# Hide MySQL Database Connection Info in PHP



## takua108 (Jan 4, 2006)

I'm writing an online user stats tracking system that can be used by any developer on any programming language here: http://topdown.sourceforge.net/stats . I'm a n00b to PHP and MySQL, but I catch on pretty quickly :grin:, and I've written this entire system myself, sans the 3D line graph.

What I need to know is how can I hide the database connection info (database,username,password) in a file and hide it somewhere where nobody can get to it, but my pages can?

I'll elaborate if I need be more specific.


----------



## jackall (Jan 26, 2006)

*Hide your database connection*

Easy when you know how!
Just put the connection data in a text file (e.g, connect.txt) and ftp it to the folder above the root folder where there's no public access.
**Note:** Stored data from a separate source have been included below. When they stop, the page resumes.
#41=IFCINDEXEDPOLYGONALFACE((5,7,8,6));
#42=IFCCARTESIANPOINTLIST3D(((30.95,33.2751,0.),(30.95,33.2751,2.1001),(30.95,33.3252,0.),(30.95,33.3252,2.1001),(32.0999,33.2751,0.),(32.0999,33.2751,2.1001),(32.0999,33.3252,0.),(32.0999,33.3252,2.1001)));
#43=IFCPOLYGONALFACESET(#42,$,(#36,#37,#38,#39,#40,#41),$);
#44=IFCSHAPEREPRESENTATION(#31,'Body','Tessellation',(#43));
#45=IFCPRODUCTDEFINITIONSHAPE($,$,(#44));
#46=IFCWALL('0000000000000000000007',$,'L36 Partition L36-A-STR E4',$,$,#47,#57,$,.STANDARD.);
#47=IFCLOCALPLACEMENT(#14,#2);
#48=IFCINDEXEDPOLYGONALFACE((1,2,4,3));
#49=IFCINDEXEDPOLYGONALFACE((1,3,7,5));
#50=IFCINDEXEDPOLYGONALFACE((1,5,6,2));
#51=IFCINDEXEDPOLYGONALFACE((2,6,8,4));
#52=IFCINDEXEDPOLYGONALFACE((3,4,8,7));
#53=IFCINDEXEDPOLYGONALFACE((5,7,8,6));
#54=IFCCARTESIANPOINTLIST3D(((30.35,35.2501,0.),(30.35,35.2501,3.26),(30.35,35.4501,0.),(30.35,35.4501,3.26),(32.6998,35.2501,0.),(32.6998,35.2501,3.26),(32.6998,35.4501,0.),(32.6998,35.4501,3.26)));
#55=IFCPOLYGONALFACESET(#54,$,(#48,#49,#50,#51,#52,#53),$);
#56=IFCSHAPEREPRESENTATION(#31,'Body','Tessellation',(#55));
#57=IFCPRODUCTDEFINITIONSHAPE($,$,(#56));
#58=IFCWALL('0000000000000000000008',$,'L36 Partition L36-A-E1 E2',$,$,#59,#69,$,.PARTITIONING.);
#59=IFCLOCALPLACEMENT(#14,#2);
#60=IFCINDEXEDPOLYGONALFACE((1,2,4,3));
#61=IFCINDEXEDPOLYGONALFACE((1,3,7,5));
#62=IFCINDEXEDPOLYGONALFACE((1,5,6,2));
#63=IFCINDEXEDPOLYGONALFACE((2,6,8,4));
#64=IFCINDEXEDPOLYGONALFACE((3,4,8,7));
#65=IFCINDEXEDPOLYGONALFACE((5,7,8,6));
You can call it from your php file using <? require "../connect.txt" ?>




takua108 said:


> What I need to know is how can I hide the database connection info (database,username,password) in a file and hide it somewhere where nobody can get to it, but my pages can?
> 
> I'll elaborate if I need be more specific.


----------



## takua108 (Jan 4, 2006)

I tried something like this: I used defines in a file hidden sort of how you described it...I think. Is this right?
Here's the directory structure:

[]root
||=[] htdocs
|| ||= (all of the PHP files here)
||=[] private
||= include.php

With include.php being the file that has all of the defines, and the htdocs being the publically-served folder.


----------



## MoralTerror (Nov 19, 2005)

you should never store passwords in a plain text file :4-thatsba 

Instead of connect.txt save as connect.inc.php


----------